AGTR1 variant rs2638355 is associated with increased salt sensitivity of blood pressure: a female-specific effect in individuals from the HyperPath cohort.

机构信息

Center for Genomic Medicine, Massachusetts General Hospital and Harvard Medical School, Boston.

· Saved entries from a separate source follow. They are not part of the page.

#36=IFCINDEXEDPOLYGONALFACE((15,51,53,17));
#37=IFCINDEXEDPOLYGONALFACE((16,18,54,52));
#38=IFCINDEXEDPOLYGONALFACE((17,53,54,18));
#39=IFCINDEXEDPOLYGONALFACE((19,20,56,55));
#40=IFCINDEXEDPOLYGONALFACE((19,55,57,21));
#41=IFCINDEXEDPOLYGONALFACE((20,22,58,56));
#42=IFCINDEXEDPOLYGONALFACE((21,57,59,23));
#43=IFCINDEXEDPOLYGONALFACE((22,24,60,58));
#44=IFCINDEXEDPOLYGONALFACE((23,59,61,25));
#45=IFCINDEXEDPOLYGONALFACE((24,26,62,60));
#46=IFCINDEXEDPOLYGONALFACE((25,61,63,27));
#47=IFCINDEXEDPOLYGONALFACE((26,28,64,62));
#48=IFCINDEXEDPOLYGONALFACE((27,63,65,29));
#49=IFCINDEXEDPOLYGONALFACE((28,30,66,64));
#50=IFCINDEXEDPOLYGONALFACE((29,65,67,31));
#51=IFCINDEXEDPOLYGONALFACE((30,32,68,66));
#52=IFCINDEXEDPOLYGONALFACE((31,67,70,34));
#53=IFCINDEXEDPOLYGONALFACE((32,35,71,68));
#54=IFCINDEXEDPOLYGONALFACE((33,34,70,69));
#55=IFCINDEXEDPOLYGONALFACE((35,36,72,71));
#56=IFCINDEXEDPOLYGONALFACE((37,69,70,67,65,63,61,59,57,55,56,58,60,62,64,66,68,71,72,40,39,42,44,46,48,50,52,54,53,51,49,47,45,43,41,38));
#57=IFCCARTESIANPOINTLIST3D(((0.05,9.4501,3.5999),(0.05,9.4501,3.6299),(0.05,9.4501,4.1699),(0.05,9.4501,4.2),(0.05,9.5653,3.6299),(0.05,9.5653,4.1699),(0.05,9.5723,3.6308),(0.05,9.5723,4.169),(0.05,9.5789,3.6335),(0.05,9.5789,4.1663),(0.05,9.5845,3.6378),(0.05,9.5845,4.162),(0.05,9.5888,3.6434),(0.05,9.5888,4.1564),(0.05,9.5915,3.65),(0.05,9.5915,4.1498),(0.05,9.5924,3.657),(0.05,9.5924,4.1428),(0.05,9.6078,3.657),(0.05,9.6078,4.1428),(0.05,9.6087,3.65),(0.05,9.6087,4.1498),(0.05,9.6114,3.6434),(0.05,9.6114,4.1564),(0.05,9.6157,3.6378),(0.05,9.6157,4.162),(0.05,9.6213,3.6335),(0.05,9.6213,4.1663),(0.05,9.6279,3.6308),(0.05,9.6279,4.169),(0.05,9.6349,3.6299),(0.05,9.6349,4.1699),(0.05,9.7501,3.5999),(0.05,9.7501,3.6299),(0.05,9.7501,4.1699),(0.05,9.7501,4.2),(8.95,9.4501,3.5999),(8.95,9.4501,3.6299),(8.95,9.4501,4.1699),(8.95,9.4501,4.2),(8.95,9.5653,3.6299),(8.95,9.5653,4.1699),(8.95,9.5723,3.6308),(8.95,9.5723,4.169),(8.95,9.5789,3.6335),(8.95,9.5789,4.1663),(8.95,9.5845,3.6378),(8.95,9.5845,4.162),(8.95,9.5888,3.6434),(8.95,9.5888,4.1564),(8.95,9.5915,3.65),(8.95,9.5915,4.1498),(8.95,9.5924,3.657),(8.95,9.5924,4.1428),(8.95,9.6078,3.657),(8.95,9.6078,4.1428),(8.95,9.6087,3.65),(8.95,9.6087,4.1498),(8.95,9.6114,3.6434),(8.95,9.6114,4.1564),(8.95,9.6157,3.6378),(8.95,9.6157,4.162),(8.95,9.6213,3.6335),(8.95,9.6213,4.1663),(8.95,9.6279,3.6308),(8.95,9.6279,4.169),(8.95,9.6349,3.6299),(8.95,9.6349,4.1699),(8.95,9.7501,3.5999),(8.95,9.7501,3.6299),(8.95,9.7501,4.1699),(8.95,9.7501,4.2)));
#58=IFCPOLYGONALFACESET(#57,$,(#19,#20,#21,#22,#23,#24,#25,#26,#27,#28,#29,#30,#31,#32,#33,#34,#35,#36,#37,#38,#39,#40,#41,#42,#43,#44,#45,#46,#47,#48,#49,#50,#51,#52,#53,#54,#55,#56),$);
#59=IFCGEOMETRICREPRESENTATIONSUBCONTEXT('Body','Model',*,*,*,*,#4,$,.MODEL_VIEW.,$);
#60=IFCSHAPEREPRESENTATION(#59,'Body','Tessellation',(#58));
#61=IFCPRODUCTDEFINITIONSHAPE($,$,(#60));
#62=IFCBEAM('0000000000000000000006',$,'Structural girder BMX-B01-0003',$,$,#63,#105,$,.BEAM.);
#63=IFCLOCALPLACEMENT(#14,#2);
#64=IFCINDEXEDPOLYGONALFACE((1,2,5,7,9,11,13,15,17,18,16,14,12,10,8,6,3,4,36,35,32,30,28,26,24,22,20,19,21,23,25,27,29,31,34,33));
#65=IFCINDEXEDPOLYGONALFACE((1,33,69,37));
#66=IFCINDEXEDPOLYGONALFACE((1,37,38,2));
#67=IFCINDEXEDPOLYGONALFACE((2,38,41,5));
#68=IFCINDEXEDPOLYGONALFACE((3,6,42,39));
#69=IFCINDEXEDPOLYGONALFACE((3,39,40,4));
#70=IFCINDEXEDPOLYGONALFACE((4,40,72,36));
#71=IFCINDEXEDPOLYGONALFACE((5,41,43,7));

Department of Medical and Population Genetics, Broad Institute, Cambridge.

出版信息

J Hypertens. 2024 Dec 1;42(12):2180-2186. doi: 10.1097/HJH.0000000000003863. Epub 2024 Sep 11.

Abstract

OBJECTIVE

Salt-sensitive hypertension (SSH) affects approximately half of the hypertensive population, increasing the risk of vascular complications. The underlying pathophysiological mechanisms of SSH remain complex and need to be fully elucidated. Our prior research has identified genetic factors contributing to the salt sensitivity of blood pressure (SSBP), particularly involving genes regulating volume and blood pressure. We also observed enhanced peripheral vascular response to angiotensin II in humans with salt-sensitive hypertension. Given the pivotal role of the angiotensin II receptor type-1 (AT1R or AGTR1) in blood pressure and intravascular volume regulation, we hypothesized a genetic association between AGTR1 and SSBP.

METHODS

Our study involved 240 individuals of European ancestry from the HyperPATH cohort, examined under restricted and high dietary salt conditions. We employed a tagging single nucleotide variant approach to genotype participants at AGTR1 .

RESULTS

Our regression model revealed a significant association between the rs2638355 (A/G) variant and salt-sensitive systolic blood pressure (SS-SBP), and rs2638355 increased AGTR1 gene expression. Notably, carriers of the risk-allele of the noncoding regulatory variant rs2638355 exhibited higher systolic blood pressure under high salt diet conditions than nonrisk allele individuals. A sex-stratified analysis showed this salt-driven effect on systolic blood pressure was significant only in females, underscoring the role of dietary salt in modulating genetic effects in this group. Furthermore, a restricted salt diet in these individuals diminished blood pressure and negated the blood pressure phenotype-genotype association.

CONCLUSION

Overall, our findings could aid in pinpointing individuals with salt-sensitive blood pressure among hypertensive patients, especially considering dietary and sex-specific factors.

摘要

目的

盐敏感型高血压(SSH)影响了大约一半的高血压患者,增加了血管并发症的风险。SSH 的潜在病理生理机制仍然很复杂,需要充分阐明。我们之前的研究已经确定了导致血压盐敏感性(SSBP)的遗传因素,特别是涉及调节容量和血压的基因。我们还观察到盐敏感型高血压患者的血管对血管紧张素 II 的外周血管反应增强。鉴于血管紧张素 II 受体 1(AGTR1 或 AGTR1)在血压和血管内体积调节中的关键作用,我们假设 AGTR1 与 SSBP 之间存在遗传关联。

方法

我们的研究涉及 HyperPATH 队列的 240 名欧洲血统个体,在限制和高盐饮食条件下进行检查。我们采用标记单核苷酸变异方法对 AGTR1 进行基因分型。

结果

我们的回归模型显示 rs2638355(A/G)变体与盐敏感收缩压(SS-SBP)之间存在显著关联,rs2638355 增加了 AGTR1 基因表达。值得注意的是,非编码调节变体 rs2638355 的风险等位基因携带者在高盐饮食条件下的收缩压高于非风险等位基因个体。一项性别分层分析表明,这种对收缩压的盐驱动效应仅在女性中显著,这突出了饮食盐在调节该组遗传效应中的作用。此外,这些个体的低盐饮食降低了血压,并消除了血压表型-基因型的关联。

结论

总的来说,我们的发现可以帮助在高血压患者中确定具有盐敏感血压的个体,特别是考虑到饮食和性别特异性因素。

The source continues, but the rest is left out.